The first issue is that Certbot adds an extra level of permissions
to TLS private keys. As covered by Certbot's documentation, from
Certbot version 0.29.0, private keys for certificates are specifically
root-only. This means that you can't give Exim access to the TLS
keys it needs just by chgrp'ing
/etc/letsencrypt/archive to the Exim group and then making them
mode 0750; you must also specifically chgrp and chmod the private
key files. This can be automated with a deploy hook script, which
will be run when certificates are renewed.
(Documentation for deploy hooks is hidden away in the discussion of renewing certificates.)
The second issue is that deploy hooks do exactly and only what they're documented to do, which means that deploy hooks do not run the first time you get a certificate. After all, the first time is not a renewal, and Certbot said specifically that deploy hooks run on renewal, not 'any time a certificate is issued'. This means that all of your deployment automation, including changing TLS private key permissions so that your daemons can access the keys, won't happen when you get your initial certificate.
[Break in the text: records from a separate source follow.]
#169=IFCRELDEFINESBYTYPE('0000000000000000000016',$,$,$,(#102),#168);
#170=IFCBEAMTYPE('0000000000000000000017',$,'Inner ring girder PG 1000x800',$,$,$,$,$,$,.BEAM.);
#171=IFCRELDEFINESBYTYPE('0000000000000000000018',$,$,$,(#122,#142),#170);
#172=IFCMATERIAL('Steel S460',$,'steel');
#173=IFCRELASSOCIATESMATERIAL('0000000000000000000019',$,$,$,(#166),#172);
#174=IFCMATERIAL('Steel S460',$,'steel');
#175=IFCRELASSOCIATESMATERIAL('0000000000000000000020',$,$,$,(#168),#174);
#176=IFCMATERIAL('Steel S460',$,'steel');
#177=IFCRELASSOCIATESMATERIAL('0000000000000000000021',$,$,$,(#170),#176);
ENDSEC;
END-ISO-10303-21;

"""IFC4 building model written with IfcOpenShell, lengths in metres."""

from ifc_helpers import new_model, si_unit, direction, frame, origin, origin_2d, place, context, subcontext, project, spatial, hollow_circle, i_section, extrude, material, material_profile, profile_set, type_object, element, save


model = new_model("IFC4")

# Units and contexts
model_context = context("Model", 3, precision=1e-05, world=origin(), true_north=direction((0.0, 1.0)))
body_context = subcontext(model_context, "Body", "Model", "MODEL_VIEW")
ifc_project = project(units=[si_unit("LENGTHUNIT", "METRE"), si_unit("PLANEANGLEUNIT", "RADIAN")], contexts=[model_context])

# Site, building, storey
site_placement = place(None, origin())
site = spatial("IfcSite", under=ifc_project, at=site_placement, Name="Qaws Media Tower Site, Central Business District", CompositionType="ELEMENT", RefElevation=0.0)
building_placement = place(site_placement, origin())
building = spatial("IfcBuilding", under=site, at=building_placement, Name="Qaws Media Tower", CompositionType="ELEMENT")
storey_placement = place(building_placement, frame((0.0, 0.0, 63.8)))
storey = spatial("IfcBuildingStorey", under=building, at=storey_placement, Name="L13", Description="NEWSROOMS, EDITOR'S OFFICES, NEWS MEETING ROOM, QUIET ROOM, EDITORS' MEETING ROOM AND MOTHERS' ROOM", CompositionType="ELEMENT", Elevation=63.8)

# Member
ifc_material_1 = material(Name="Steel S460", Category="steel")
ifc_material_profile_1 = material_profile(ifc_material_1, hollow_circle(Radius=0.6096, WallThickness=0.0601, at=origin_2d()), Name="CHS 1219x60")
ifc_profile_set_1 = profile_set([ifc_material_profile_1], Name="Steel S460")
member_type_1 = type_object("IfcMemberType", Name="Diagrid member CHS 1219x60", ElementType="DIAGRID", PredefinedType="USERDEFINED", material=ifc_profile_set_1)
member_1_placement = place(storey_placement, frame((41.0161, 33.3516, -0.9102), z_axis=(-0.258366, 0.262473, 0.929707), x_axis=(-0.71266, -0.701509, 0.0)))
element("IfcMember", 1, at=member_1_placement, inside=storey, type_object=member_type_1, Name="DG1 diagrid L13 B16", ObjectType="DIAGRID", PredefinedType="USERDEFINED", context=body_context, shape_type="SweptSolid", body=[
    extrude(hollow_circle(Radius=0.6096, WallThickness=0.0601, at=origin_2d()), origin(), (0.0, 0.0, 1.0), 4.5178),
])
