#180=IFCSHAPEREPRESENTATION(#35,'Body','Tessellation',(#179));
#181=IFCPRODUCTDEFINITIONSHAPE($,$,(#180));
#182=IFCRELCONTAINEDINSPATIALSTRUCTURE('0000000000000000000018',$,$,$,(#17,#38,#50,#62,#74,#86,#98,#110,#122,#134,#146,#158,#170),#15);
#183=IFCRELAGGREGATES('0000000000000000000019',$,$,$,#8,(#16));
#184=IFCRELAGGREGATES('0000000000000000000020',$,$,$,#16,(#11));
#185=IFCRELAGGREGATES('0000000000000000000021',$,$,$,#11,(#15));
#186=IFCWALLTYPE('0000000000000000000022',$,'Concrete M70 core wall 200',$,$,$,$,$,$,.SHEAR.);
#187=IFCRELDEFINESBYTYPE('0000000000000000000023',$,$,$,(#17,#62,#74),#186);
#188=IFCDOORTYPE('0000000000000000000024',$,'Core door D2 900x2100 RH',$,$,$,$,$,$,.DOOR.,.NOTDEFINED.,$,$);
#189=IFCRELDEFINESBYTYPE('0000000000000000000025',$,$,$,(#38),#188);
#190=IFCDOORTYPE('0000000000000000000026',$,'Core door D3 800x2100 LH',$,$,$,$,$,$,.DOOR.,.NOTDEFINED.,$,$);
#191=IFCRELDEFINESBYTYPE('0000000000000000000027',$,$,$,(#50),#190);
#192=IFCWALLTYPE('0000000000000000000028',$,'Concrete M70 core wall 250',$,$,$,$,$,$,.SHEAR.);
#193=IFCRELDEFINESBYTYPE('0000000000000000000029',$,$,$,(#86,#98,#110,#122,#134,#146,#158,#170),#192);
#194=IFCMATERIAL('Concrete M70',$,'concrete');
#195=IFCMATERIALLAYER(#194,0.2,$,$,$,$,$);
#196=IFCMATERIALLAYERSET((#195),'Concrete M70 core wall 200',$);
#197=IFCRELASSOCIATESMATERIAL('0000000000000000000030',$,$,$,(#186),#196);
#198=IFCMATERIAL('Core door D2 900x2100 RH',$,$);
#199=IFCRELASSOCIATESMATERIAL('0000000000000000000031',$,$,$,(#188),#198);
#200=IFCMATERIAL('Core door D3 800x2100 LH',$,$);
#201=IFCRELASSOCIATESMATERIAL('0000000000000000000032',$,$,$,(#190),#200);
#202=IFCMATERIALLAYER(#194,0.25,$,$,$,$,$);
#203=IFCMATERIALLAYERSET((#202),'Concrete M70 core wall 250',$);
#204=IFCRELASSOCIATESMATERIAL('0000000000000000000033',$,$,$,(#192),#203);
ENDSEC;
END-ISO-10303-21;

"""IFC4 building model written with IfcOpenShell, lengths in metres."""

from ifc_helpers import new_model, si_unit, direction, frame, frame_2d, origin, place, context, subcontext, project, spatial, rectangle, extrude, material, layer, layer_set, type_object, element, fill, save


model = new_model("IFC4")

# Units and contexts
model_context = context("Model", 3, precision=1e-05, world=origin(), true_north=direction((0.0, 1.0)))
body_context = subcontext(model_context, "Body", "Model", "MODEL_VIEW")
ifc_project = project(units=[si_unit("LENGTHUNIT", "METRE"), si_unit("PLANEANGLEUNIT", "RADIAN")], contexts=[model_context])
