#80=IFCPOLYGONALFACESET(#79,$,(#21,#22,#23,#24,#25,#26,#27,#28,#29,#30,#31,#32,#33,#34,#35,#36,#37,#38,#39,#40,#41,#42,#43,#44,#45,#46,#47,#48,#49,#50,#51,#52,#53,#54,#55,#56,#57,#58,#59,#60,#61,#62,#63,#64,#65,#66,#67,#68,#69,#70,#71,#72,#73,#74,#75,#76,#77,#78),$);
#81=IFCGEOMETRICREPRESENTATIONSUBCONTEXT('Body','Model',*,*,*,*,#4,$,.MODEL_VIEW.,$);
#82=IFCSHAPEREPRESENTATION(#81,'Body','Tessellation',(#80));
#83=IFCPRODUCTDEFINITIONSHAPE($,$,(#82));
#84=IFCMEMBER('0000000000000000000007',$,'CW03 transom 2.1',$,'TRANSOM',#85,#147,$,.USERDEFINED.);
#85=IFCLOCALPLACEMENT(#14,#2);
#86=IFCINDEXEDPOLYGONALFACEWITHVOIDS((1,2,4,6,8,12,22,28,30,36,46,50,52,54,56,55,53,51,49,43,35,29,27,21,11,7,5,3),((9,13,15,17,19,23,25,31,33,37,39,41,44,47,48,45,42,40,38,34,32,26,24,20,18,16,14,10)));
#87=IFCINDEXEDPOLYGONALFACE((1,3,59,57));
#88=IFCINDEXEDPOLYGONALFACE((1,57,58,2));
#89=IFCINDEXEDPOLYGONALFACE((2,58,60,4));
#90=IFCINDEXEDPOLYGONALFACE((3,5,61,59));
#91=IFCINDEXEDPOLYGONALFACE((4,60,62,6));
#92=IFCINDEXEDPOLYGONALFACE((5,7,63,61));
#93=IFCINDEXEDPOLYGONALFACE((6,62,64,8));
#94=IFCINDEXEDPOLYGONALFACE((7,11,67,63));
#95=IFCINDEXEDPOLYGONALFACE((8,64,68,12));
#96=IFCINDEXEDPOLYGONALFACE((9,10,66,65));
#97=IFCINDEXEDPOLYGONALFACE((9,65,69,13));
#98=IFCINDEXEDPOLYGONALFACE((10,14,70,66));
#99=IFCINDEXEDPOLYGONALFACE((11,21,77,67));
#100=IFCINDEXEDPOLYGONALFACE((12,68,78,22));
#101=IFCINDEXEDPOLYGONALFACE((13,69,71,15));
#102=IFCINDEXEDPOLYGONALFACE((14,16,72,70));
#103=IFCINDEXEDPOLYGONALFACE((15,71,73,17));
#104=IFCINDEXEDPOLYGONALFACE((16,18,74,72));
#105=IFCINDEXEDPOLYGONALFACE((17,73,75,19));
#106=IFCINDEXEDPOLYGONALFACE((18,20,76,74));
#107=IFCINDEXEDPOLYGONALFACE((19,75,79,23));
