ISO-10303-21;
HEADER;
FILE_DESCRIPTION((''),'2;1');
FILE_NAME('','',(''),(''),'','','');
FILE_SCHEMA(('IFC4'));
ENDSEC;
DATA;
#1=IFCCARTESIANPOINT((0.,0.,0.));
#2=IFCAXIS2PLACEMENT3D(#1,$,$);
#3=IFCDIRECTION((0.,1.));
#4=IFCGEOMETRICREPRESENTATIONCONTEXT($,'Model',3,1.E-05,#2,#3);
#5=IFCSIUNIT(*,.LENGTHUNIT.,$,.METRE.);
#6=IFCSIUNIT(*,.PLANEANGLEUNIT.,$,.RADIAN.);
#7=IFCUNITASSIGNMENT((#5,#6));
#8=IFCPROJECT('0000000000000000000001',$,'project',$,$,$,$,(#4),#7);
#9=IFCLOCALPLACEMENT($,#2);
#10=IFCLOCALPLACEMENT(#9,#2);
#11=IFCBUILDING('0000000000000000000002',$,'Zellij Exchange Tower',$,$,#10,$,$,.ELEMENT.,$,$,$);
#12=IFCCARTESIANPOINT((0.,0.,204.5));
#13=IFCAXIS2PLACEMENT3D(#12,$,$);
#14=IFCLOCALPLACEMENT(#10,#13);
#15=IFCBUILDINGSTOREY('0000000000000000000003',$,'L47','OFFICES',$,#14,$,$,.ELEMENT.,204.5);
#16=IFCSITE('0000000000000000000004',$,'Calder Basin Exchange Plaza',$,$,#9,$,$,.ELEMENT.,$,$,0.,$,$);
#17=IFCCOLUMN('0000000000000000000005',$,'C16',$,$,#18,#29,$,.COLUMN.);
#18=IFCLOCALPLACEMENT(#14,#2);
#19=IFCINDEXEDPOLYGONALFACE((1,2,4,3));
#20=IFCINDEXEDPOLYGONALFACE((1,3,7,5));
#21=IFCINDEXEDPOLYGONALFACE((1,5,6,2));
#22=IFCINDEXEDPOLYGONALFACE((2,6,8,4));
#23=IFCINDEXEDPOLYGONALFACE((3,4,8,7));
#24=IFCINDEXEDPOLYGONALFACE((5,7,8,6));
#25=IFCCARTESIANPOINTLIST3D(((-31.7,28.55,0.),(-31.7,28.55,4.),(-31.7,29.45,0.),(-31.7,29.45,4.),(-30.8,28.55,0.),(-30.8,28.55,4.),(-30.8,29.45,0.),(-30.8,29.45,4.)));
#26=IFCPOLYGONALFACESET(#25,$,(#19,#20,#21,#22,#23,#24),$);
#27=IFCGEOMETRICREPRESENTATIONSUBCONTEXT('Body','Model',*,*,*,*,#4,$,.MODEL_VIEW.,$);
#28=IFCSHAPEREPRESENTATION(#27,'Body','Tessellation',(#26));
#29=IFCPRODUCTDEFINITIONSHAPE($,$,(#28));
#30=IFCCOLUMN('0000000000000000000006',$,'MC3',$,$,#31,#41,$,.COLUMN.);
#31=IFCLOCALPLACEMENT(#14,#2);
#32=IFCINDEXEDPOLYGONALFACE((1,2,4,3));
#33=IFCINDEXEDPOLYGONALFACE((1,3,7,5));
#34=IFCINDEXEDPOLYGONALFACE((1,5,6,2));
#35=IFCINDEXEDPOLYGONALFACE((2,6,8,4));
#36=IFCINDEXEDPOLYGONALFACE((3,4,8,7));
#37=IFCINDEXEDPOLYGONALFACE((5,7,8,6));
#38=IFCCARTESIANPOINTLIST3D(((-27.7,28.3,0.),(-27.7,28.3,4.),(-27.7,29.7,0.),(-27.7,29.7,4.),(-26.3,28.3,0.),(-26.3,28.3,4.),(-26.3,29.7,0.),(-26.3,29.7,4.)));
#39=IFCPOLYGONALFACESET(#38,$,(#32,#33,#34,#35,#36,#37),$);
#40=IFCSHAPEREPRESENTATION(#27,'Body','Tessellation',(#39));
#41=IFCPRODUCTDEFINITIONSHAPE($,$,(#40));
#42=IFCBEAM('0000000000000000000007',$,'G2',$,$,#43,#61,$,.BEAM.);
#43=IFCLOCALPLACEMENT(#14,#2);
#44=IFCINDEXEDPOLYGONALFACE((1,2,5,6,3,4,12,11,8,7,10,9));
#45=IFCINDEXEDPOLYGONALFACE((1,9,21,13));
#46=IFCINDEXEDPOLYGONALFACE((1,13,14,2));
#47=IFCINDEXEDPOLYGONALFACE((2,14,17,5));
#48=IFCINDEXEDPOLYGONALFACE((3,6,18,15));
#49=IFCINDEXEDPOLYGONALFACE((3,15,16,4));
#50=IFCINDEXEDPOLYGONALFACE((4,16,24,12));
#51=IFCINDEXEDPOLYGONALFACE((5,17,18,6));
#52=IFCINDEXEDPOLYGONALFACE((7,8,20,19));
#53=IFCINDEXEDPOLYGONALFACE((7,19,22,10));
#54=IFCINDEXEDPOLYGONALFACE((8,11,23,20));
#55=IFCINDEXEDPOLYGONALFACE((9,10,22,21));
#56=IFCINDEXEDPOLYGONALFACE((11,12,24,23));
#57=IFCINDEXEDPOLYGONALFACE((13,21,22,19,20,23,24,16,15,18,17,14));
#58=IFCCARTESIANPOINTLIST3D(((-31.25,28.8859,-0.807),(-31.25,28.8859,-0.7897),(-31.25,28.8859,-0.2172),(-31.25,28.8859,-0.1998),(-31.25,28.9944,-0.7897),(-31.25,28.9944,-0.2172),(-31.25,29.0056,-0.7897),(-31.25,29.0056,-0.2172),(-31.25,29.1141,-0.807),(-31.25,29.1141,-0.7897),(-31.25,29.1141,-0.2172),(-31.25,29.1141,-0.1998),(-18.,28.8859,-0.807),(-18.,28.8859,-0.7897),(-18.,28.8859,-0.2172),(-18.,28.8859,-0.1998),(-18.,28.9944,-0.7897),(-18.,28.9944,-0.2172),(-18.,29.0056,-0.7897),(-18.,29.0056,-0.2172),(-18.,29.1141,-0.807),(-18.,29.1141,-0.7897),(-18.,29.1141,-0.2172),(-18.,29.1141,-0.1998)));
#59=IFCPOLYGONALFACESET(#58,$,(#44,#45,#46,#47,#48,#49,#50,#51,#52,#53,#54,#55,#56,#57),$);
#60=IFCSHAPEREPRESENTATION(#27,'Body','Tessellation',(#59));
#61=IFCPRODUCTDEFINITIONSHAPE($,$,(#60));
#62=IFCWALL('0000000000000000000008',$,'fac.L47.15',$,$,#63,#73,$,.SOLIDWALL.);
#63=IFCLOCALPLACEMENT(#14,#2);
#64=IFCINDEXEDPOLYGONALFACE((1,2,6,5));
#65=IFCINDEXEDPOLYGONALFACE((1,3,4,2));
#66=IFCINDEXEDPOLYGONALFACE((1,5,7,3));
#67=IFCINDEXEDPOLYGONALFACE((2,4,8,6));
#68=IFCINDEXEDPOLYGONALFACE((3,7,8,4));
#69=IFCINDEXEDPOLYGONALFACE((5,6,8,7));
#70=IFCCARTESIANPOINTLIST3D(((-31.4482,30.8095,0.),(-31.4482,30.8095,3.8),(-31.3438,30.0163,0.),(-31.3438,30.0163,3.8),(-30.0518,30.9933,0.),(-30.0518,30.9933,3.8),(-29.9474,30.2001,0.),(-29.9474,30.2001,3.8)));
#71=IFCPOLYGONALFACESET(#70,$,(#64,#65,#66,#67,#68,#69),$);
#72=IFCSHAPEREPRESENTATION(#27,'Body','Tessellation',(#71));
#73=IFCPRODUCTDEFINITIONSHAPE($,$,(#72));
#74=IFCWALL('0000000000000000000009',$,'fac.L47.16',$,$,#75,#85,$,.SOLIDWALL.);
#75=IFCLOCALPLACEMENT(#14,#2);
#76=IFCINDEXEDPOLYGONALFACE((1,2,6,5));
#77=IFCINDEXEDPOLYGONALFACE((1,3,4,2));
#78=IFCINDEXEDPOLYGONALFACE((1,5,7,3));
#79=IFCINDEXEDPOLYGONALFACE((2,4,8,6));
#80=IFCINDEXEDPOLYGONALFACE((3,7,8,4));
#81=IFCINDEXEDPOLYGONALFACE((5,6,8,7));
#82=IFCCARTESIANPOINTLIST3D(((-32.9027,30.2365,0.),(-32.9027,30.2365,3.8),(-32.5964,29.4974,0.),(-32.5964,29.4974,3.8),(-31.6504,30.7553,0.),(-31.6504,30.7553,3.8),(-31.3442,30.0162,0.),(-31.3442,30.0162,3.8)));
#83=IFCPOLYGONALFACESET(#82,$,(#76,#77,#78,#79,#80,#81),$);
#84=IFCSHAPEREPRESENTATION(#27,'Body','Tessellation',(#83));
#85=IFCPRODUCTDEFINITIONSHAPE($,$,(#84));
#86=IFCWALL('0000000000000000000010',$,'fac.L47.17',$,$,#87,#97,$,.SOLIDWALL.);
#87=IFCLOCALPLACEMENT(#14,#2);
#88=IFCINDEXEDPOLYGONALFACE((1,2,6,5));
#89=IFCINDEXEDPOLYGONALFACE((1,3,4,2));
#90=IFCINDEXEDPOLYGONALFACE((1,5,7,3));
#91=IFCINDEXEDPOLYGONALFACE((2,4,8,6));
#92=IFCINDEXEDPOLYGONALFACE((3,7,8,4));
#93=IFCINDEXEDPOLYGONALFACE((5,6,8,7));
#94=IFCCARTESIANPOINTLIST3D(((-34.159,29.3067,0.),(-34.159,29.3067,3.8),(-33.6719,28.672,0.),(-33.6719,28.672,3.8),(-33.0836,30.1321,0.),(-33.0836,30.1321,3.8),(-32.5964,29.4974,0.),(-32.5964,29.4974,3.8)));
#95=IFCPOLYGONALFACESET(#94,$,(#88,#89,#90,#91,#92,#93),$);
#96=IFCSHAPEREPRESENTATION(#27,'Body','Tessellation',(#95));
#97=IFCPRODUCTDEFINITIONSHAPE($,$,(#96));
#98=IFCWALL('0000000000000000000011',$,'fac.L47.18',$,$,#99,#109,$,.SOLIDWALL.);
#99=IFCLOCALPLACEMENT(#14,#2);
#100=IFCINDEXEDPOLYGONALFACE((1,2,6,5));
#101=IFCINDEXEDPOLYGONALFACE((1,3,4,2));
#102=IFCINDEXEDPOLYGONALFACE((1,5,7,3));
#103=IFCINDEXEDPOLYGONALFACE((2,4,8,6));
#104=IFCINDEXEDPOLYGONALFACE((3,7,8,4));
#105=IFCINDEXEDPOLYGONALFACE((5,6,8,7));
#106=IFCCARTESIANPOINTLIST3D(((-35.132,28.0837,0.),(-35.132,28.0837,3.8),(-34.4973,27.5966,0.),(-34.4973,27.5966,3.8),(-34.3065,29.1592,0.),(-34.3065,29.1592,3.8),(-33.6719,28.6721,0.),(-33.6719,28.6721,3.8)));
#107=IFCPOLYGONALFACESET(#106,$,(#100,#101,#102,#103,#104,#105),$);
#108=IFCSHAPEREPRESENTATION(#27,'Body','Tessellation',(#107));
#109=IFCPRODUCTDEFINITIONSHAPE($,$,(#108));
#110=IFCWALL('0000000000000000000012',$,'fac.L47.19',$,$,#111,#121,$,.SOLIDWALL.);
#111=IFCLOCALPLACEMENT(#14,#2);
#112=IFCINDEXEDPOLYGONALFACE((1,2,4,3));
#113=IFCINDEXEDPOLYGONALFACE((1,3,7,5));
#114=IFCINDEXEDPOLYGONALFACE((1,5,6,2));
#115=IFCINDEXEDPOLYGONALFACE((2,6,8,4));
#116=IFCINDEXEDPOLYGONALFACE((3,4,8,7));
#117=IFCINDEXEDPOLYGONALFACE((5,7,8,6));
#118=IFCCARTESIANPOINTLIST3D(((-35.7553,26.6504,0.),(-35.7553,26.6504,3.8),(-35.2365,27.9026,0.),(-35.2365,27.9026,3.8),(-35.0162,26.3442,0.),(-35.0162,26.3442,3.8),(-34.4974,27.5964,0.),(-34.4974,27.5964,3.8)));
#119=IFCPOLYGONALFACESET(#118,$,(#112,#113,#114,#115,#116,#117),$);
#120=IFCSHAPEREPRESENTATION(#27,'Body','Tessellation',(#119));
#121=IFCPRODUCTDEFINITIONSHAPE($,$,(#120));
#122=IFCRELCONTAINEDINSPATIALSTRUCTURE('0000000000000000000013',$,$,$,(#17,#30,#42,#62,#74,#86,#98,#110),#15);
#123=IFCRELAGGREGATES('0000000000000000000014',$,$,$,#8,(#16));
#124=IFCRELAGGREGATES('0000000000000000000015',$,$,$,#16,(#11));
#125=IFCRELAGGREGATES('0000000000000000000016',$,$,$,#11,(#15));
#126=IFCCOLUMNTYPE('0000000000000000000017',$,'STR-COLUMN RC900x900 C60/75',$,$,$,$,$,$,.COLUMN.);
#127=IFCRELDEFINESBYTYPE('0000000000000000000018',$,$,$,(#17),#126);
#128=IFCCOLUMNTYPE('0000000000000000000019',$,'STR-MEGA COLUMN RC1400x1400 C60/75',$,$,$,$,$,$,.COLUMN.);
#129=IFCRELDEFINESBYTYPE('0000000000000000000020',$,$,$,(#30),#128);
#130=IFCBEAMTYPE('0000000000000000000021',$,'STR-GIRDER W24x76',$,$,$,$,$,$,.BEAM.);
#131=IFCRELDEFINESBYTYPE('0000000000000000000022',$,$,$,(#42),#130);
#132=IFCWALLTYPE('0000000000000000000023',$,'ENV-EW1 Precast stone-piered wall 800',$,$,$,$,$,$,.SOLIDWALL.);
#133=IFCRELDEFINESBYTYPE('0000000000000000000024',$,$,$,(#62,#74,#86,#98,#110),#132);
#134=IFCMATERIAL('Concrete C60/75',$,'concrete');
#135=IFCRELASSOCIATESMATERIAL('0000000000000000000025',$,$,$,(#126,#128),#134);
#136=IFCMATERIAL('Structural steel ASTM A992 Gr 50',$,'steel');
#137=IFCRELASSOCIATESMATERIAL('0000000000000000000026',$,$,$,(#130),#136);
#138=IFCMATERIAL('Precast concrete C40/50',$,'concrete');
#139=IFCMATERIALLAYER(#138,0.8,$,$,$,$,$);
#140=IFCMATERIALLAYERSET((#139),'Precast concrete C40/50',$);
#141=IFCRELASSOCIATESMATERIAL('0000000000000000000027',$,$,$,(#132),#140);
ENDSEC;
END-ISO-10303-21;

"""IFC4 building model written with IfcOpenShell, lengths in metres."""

from ifc_helpers import new_model, si_unit, direction, frame, frame_2d, origin, origin_2d, place, context, subcontext, project, spatial, rectangle, i_section, extrude, material, layer, layer_set, material_profile, profile_set, type_object, element, save


model = new_model("IFC4")

# Units and contexts
model_context = context("Model", 3, precision=1e-05, world=origin(), true_north=direction((0.0, 1.0)))
body_context = subcontext(model_context, "Body", "Model", "MODEL_VIEW")
ifc_project = project(units=[si_unit("LENGTHUNIT", "METRE"), si_unit("PLANEANGLEUNIT", "RADIAN")], contexts=[model_context])

# Site, building, storey
site_placement = place(None, origin())
site = spatial("IfcSite", under=ifc_project, at=site_placement, Name="Calder Basin Exchange Plaza", CompositionType="ELEMENT", RefElevation=0.0)
building_placement = place(site_placement, origin())
building = spatial("IfcBuilding", under=site, at=building_placement, Name="Zellij Exchange Tower", CompositionType="ELEMENT")
storey_placement = place(building_placement, frame((0.0, 0.0, 204.5)))
storey = spatial("IfcBuildingStorey", under=building, at=storey_placement, Name="L47", Description="OFFICES", CompositionType="ELEMENT", Elevation=204.5)

# Columns
ifc_material_1 = material(Name="Concrete C60/75", Category="concrete")
ifc_material_profile_1 = material_profile(ifc_material_1, rectangle(XDim=0.8999, YDim=0.8999, at=origin_2d()), Name="STR-COLUMN RC900x900 C60/75")
ifc_profile_set_1 = profile_set([ifc_material_profile_1], Name="Concrete C60/75")
column_type_1 = type_object("IfcColumnType", Name="STR-COLUMN RC900x900 C60/75", PredefinedType="COLUMN", material=ifc_profile_set_1)
column_1_placement = place(storey_placement, frame((-31.25, 29.0, 0.0), z_axis=(0.0, 0.0, 1.0), x_axis=(1.0, 0.0, 0.0)))
element("IfcColumn", 1, at=column_1_placement, inside=storey, type_object=column_type_1, Name="C16", PredefinedType="COLUMN", context=body_context, shape_type="SweptSolid", body=[
    extrude(rectangle(XDim=0.8999, YDim=0.8999, at=origin_2d()), origin(), (0.0, 0.0, 1.0), 4.0),
])
ifc_material_profile_2 = material_profile(ifc_material_1, rectangle(XDim=1.3999, YDim=1.3999, at=origin_2d()), Name="STR-MEGA COLUMN RC1400x1400 C60/75")
ifc_profile_set_2 = profile_set([ifc_material_profile_2], Name="Concrete C60/75")
column_type_2 = type_object("IfcColumnType", Name="STR-MEGA COLUMN RC1400x1400 C60/75", PredefinedType="COLUMN", material=ifc_profile_set_2)
column_2_placement = place(storey_placement, frame((-27.0, 29.0, 0.0), z_axis=(0.0, 0.0, 1.0), x_axis=(1.0, 0.0, 0.0)))
element("IfcColumn", 2, at=column_2_placement, inside=storey, type_object=column_type_2, Name="MC3", PredefinedType="COLUMN", context=body_context, shape_type="SweptSolid", body=[
    extrude(rectangle(XDim=1.3999, YDim=1.3999, at=origin_2d()), origin(), (0.0, 0.0, 1.0), 4.0),
])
You get to do it all by hand.
(You can't easily do it by running your deployment script by hand, because your deployment script is probably counting on various environment variables that Certbot sets.)
We currently get out of this by doing the chgrp and chmod by hand when we get our initial TLS certificates; this adds an extra manual step to initial host setup and conversions to Certbot, which is annoying. If we had more intricate deployment, I think we would have to force an immediate renewal after the TLS certificate had been issued, and to avoid potentially running into rate limits we might want to make our first TLS certificate be a test certificate. Conveniently, there are already other reasons to do this.